存储对比（3000 文档 × 11 字段类型）¶

索引	配置	存储大小	相对普通索引
logs-normal	默认（_source 开启）	708.9 KB	100%
logs-derived	Derived Source	348.4 KB	49.2%
logs-nosource	_source 禁用	709.1 KB	100.0%

关键发现：Derived Source 实现了约 51% 的存储节省。

一个反直觉的结果：禁用 _source 的索引与普通索引大小几乎相同。这是因为 _source 禁用只是不存储原始 JSON，但 doc_values、倒排索引等数据结构仍然存在。而 Derived Source 的实现对存储结构进行了更深层的优化。

查询性能对比（10 次采样，单位 ms）¶

带 _source 返回：

索引	Min	Median	Max	Avg
logs-derived	19	43	673	161.8
logs-normal	4	5	8	5.4
logs-nosource	4	5	7	5.0

不请求 _source（"_source": false）：

索引	Min	Median	Max	Avg
logs-derived	4	5	13	5.6
logs-normal	4	6	187	25.5
logs-nosource	4	8	50	17.0

关键发现：请求 _source 时，Derived Source 查询延迟约为普通索引的 8-9 倍（median 43ms vs 5ms）。
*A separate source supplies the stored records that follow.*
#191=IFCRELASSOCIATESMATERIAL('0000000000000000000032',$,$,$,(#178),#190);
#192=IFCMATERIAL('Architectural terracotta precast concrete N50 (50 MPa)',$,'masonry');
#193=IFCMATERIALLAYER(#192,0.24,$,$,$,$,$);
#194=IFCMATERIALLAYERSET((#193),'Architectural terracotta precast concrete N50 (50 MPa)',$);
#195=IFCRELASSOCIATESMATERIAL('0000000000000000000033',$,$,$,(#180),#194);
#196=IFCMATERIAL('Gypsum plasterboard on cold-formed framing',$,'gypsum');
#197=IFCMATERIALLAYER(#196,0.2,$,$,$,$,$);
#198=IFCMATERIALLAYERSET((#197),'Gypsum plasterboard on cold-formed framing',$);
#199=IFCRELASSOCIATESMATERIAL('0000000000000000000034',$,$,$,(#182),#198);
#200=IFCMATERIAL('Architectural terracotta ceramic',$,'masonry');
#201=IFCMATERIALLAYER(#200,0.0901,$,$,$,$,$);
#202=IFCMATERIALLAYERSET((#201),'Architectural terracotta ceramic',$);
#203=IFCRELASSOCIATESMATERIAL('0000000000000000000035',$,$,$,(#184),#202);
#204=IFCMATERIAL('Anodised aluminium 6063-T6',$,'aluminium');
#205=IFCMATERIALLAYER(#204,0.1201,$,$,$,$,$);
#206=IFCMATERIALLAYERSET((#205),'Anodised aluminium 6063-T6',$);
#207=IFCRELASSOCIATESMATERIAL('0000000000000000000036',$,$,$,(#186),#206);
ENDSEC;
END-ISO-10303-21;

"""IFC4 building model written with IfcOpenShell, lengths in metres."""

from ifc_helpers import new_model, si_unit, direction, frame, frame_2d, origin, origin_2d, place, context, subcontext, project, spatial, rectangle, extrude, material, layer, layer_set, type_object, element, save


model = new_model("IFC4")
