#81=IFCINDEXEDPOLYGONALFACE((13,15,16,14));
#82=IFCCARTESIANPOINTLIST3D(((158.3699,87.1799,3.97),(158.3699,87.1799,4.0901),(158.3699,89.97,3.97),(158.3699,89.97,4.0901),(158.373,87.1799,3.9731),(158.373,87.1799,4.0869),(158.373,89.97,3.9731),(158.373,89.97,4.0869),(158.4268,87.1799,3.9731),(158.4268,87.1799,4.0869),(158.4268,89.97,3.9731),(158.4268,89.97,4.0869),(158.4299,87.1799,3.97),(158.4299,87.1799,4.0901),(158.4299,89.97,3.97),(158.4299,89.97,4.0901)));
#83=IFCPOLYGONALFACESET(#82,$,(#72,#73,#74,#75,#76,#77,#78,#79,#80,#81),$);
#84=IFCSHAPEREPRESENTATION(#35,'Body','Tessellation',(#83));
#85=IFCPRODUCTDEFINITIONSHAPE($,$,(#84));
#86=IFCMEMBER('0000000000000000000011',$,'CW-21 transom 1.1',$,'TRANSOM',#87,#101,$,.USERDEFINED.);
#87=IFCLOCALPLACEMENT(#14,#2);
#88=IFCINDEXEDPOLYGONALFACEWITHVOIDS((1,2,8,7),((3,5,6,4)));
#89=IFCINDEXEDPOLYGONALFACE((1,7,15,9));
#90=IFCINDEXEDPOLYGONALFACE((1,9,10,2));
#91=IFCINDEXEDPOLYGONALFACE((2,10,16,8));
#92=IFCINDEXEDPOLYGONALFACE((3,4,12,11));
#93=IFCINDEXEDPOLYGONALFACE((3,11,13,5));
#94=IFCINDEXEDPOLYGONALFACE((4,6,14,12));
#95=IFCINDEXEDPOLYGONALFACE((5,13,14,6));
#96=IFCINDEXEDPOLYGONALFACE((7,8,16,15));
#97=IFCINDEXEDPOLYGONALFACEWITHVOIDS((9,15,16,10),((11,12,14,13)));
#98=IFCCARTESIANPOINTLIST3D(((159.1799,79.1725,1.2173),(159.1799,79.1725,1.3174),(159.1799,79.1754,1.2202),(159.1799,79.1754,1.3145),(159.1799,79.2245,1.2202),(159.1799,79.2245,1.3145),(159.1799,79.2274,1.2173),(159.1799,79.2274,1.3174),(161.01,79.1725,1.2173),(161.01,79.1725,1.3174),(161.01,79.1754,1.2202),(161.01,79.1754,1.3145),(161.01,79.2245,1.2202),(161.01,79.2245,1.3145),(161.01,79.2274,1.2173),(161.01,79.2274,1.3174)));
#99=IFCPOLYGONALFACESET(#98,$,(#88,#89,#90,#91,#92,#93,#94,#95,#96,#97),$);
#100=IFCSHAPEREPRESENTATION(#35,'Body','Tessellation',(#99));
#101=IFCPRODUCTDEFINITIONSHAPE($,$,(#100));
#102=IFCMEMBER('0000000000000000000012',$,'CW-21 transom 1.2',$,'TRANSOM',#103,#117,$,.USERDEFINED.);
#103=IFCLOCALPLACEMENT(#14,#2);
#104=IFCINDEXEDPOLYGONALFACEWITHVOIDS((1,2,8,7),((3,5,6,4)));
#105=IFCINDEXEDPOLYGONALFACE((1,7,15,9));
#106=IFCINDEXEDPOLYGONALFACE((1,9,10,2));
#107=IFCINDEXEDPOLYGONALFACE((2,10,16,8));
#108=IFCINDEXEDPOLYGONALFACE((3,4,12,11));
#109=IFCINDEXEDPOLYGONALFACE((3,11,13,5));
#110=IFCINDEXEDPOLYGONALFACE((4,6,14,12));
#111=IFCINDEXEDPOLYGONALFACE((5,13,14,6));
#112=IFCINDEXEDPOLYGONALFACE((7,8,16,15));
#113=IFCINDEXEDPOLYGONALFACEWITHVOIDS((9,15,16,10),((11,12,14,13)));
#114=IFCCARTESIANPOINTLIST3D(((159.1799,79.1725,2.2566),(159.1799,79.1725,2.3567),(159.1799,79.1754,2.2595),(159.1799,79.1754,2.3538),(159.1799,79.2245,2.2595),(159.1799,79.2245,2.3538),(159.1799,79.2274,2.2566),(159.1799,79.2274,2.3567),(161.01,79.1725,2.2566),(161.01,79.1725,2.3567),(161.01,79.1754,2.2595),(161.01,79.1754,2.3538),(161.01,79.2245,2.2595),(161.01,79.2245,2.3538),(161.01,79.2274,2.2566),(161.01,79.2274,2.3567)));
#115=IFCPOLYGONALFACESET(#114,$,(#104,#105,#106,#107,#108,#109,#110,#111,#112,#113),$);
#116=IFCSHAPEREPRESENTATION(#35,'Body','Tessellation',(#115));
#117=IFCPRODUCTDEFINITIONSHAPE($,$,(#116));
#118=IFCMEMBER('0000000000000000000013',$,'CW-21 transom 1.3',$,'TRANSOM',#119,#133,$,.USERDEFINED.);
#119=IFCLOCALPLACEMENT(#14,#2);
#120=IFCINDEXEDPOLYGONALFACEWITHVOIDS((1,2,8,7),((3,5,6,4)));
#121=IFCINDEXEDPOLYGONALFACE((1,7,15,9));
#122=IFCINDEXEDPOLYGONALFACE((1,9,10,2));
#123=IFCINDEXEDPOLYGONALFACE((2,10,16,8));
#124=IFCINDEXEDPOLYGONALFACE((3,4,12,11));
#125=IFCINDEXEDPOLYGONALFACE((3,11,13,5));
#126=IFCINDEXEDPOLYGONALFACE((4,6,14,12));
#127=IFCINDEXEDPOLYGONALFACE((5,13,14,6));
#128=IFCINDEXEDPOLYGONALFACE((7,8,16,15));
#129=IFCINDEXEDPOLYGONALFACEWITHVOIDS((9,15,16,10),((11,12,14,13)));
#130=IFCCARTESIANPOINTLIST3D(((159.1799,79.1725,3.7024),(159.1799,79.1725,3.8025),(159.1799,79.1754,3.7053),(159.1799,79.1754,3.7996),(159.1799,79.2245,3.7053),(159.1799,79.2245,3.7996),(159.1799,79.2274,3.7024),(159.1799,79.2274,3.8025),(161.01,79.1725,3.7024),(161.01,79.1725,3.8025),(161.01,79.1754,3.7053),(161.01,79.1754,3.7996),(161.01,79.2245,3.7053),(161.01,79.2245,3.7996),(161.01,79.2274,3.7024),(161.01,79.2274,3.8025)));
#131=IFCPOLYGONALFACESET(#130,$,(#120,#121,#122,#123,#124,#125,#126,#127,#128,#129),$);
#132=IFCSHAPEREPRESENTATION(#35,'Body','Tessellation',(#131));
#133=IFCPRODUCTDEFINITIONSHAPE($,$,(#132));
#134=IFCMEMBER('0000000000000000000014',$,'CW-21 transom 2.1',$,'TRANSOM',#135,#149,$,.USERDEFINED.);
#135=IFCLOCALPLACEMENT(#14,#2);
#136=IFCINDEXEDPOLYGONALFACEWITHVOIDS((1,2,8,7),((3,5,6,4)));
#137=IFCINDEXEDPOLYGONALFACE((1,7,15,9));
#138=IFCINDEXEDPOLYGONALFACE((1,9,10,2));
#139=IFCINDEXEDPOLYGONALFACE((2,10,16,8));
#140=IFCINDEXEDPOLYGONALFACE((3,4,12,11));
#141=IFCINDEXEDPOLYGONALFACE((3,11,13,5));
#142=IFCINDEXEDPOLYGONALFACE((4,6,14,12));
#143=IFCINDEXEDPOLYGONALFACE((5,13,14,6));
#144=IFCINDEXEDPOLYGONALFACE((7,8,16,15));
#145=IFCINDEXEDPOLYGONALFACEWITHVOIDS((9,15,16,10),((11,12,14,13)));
但不请求 _source 时，三者性能一致。

功能兼容性¶

操作	默认	Derived Source	_source 禁用
搜索返回 _source	✅	✅	❌
_update API	✅	✅	❌ `document_source_missing_exception`
_reindex	✅	✅ 完整迁移	❌

边界条件验证¶

场景	结果
创建含 nested 字段的 derived source 索引	❌ 创建时拒绝：`Derived source is not supported for tags field as it is disabled/nested`
创建含 ignore_above keyword 的 derived source 索引	❌ 创建时拒绝：`Unable to derive source for [short_field] with ignore_above and/or normalizer set`

好消息是：不兼容的配置在索引创建时就会失败，不会在运行时产生隐患。

踩坑记录¶

_source 重建的数据精度差异

从 Derived Source 重建的 _source 与原始数据有细微差异（实测发现，官方文档有提及 doc_values 实现可能导致格式差异）：

geo_point：重建后精度更高，如 20.999417966231704 vs 原始 20.999418
date：重建后可能添加毫秒部分，如 2026-03-28T06:31:22.000Z vs 原始 2026-03-28T06:31:22Z

如果下游系统对数据格式有严格要求（如精确字符串匹配），需要注意这个差异。

禁用 _source 不一定省空间

实测发现 _source: false 的索引与普通索引存储大小几乎相同（709.1 KB vs 708.9 KB）。如果你的目标是省空间，Derived Source 才是正确选择。

费用明细¶

资源	单价	用量	费用
t3.small.search（OpenSearch 域）	$0.036/hr	~2 hr	$0.07
10 GB gp3 EBS	$0.08/GB/月	~2 hr	< $0.01
合计			< $0.10

清理资源¶

# 删除 OpenSearch 域
aws opensearch delete-domain \
  --domain-name derived-source-test \
  --region us-east-1

# 确认删除
aws opensearch describe-domain \
  --domain-name derived-source-test \
  --region us-east-1 2>&1 || echo "Domain deleted successfully"

务必清理

Lab 完成后请立即删除 OpenSearch 域，避免持续产生费用。t3.small.search 实例每天约 $0.86。

结论与建议¶

适用场景¶

✅ 日志/指标类大规模数据：存储节省 50%+ 效果显著，且这类场景很多查询只用聚合不需要 _source
✅ 需要保留 update/reindex 能力：相比完全禁用 _source，Derived Source 不牺牲功能
✅ 搜索场景以聚合为主：设置 "_source": false 时无性能损失

不适用场景¶

❌ 使用 nested 字段的索引
❌ keyword 字段大量使用 ignore_above 或 normalizer
❌ 查询频繁返回 _source 且对延迟敏感：重建开销约 8-9 倍

生产建议¶

新索引评估：创建索引前检查字段类型是否都在支持列表内
查询优化：使用 Derived Source 后，搜索时尽量设置 "_source": false 或指定需要的字段
监控存储节省：实际节省比例取决于文档大小和字段分布，建议在小规模测试后再全面推广
注意格式差异：如果下游系统依赖精确的 _source 格式，需提前验证